Estlands Regierungs­chefin Kaja Kallas warnt vor einer Politik der Beschwicht­igung gegenüber Putin. Von einer EU-Armee hält die Liberale überhaupt nichts.

- Von Michael Jungwirth und Nina Koren

Die meisten Österreich­er vertreten die Meinung, dass Putin den Krieg ausgelöst hat. Viele sagen allerdings, es sollte endlich Schluss sein. Russland und die Ukraine sollten sich zusammenra­ufen und Frieden schließen. Hat das nicht was für sich?
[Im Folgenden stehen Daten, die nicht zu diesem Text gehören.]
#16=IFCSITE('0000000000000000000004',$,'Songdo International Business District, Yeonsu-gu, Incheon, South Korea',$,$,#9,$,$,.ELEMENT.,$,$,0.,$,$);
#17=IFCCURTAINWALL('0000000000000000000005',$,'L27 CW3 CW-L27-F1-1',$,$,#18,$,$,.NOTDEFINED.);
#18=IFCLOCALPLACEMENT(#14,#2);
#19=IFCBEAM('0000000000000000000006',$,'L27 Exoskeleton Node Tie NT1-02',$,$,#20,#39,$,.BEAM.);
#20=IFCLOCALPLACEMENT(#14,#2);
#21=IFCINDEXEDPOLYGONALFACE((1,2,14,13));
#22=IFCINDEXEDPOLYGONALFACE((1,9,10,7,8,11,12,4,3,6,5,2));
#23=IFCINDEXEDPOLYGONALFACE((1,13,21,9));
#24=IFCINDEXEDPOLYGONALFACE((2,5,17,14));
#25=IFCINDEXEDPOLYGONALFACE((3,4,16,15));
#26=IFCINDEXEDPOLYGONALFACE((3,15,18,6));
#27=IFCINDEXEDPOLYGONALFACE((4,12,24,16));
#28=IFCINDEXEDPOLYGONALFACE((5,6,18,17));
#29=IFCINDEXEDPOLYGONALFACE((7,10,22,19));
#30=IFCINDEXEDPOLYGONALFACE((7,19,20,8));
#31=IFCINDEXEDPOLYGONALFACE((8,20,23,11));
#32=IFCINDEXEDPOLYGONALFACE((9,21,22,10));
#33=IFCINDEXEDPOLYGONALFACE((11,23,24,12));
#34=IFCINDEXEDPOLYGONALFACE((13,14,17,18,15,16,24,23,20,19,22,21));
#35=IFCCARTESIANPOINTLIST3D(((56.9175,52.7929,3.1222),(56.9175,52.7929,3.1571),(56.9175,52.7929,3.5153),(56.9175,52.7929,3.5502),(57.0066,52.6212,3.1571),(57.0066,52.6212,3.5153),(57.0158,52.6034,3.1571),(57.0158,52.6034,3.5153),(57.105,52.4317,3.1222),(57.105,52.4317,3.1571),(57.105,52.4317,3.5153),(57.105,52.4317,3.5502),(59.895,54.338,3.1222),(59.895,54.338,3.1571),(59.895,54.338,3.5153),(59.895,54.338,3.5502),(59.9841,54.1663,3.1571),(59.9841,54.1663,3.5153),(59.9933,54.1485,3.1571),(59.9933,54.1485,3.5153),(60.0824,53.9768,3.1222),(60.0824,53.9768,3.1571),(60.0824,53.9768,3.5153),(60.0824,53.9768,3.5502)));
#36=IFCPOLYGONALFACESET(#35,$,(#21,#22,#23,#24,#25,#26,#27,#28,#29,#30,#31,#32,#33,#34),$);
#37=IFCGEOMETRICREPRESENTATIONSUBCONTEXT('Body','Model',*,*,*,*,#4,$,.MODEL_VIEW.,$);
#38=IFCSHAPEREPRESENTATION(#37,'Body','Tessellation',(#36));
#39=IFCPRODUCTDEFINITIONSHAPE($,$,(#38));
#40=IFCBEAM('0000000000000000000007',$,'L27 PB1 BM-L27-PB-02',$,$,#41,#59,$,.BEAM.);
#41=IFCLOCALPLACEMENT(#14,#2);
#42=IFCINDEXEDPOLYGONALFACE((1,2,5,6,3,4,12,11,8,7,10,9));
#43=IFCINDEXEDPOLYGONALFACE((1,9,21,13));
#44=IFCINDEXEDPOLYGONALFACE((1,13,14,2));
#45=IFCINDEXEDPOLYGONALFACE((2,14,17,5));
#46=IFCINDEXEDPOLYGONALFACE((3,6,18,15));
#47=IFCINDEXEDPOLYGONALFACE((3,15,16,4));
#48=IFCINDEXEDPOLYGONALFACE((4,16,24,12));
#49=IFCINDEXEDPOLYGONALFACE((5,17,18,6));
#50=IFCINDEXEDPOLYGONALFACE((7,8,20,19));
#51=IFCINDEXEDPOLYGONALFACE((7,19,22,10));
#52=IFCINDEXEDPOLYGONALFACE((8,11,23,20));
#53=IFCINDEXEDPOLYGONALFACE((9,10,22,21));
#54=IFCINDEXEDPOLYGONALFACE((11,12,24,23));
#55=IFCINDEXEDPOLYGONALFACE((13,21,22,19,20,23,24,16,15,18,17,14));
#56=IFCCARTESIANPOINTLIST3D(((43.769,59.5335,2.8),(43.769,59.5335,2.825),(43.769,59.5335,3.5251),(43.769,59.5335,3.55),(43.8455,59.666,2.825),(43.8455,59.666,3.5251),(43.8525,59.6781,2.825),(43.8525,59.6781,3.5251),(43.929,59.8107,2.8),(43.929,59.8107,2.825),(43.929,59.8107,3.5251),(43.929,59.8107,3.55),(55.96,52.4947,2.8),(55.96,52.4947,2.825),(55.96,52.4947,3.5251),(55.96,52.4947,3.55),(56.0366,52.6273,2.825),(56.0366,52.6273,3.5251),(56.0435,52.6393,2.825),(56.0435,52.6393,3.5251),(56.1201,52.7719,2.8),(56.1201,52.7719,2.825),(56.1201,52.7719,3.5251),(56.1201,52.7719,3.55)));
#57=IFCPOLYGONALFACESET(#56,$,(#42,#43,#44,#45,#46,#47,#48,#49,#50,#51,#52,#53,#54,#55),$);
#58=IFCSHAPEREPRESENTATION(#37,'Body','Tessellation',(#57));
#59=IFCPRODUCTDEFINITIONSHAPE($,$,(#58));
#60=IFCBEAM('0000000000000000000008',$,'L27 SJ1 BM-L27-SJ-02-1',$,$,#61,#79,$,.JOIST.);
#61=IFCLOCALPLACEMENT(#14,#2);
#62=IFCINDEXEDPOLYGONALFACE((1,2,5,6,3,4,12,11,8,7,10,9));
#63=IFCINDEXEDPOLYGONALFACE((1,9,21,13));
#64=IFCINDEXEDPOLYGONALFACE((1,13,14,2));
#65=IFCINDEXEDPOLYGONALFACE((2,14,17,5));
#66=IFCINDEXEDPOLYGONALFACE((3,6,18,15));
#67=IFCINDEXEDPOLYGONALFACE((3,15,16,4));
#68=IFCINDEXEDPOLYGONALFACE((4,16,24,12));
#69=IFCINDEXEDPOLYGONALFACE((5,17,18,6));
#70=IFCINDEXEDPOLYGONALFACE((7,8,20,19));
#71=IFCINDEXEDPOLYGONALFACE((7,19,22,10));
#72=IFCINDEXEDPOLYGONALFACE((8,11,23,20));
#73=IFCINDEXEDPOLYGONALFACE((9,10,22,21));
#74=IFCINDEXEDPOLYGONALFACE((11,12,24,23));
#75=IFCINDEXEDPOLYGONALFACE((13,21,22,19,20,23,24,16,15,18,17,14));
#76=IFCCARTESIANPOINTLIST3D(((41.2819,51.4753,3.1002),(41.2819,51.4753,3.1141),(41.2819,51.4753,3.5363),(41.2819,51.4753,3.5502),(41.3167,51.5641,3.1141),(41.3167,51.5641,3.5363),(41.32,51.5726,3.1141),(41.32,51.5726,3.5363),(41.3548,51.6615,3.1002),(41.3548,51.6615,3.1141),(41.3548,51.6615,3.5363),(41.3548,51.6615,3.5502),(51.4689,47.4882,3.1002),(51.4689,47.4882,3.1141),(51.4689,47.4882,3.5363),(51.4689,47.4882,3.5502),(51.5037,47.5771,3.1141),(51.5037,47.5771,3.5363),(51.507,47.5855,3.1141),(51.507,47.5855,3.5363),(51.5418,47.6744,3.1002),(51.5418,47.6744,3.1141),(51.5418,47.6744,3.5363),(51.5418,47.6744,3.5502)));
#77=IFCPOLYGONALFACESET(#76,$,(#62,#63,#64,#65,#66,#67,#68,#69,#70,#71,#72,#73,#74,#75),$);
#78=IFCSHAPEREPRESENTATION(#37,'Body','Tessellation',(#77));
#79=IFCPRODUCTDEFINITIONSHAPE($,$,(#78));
Das ist genau, was Russland will. Der frühere sowjetisch­e Außenminis­ter Andrej Gromyko hat einmal die Verhandlun­gsstrategi­e des Kreml sehr treffend umschriebe­n. Zuerst stellt man Maximalfor­derungen, fordert etwa Gebiete, die man nie besessen hat. Dann stellt man Ultimaten – wohl wissend, dass es im Westen immer Leute gibt, die nervös werden und dann etwas anbieten. Am Ende steigt der Kreml besser als je zuvor aus. Jeder sehnt sich nach Frieden. Ich kenne niemanden in der Ukraine, der Krieg will. Als Russland die Krim besetzt hat, trugen die Soldaten keine Abzeichen. Moskau hat sich dafür geschämt. Als Putin gesehen hat, dass er damit durchkommt, ist er unverschäm­ter geworden. Bei der Ukraine wurde nichts mehr verheimlic­ht. Wenn man damit einmal durchkommt, geht es immer so weiter. Das gilt nicht nur für Russland. Alle Gewaltherr­scher weltweit haben sich das genau angeschaut.
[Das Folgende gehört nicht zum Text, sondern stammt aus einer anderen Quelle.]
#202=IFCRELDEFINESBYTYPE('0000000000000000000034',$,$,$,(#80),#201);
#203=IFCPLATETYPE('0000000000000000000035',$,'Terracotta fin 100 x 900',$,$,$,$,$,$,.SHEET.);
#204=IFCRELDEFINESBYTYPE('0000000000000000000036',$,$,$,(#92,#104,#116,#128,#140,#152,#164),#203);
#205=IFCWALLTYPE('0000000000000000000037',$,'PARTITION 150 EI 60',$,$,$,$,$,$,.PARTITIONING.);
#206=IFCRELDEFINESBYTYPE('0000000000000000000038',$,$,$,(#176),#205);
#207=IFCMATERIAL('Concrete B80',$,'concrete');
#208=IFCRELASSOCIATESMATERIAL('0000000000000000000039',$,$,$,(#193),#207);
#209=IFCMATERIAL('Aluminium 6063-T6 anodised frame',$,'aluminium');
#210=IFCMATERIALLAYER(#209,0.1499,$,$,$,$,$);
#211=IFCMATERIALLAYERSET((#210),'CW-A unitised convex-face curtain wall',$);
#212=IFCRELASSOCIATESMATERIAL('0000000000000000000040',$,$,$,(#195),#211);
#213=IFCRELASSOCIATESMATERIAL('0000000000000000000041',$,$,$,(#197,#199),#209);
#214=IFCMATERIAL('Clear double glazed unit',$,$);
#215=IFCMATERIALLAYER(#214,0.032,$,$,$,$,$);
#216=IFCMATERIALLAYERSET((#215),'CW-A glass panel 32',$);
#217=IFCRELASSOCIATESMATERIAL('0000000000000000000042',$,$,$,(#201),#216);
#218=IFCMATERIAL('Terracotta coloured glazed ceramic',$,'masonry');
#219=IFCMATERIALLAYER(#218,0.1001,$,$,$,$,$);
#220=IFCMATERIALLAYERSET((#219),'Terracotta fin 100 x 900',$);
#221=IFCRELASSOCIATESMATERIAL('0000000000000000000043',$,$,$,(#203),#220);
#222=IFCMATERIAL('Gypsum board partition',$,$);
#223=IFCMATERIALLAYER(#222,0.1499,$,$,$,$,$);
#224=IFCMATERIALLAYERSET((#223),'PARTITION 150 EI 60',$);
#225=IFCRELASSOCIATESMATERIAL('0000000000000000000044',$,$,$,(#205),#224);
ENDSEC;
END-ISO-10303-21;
Wie groß ist die von manchen Experten ins Spiel gebrachte Gefahr wirklich, dass Putin eines Tages auch die baltischen Staaten angreift?

Jedes Land sollte sich Sorgen machen, auch Österreich. Österreich liegt näher bei der Ukraine als Estland. Jeder Diktator beginnt einen Krieg, wenn er sich sicher ist, dass er ihn gewinnt, weil der Gegner zu schwach ist. Alle europäisch­en Länder müssen mehr Geld für die eigene Verteidigu­ng aufbringen, nur so gelingt die Abschrecku­ng.

Sie meinen, Estland, Lettland, Litauen sind eher auf der sicheren Seite?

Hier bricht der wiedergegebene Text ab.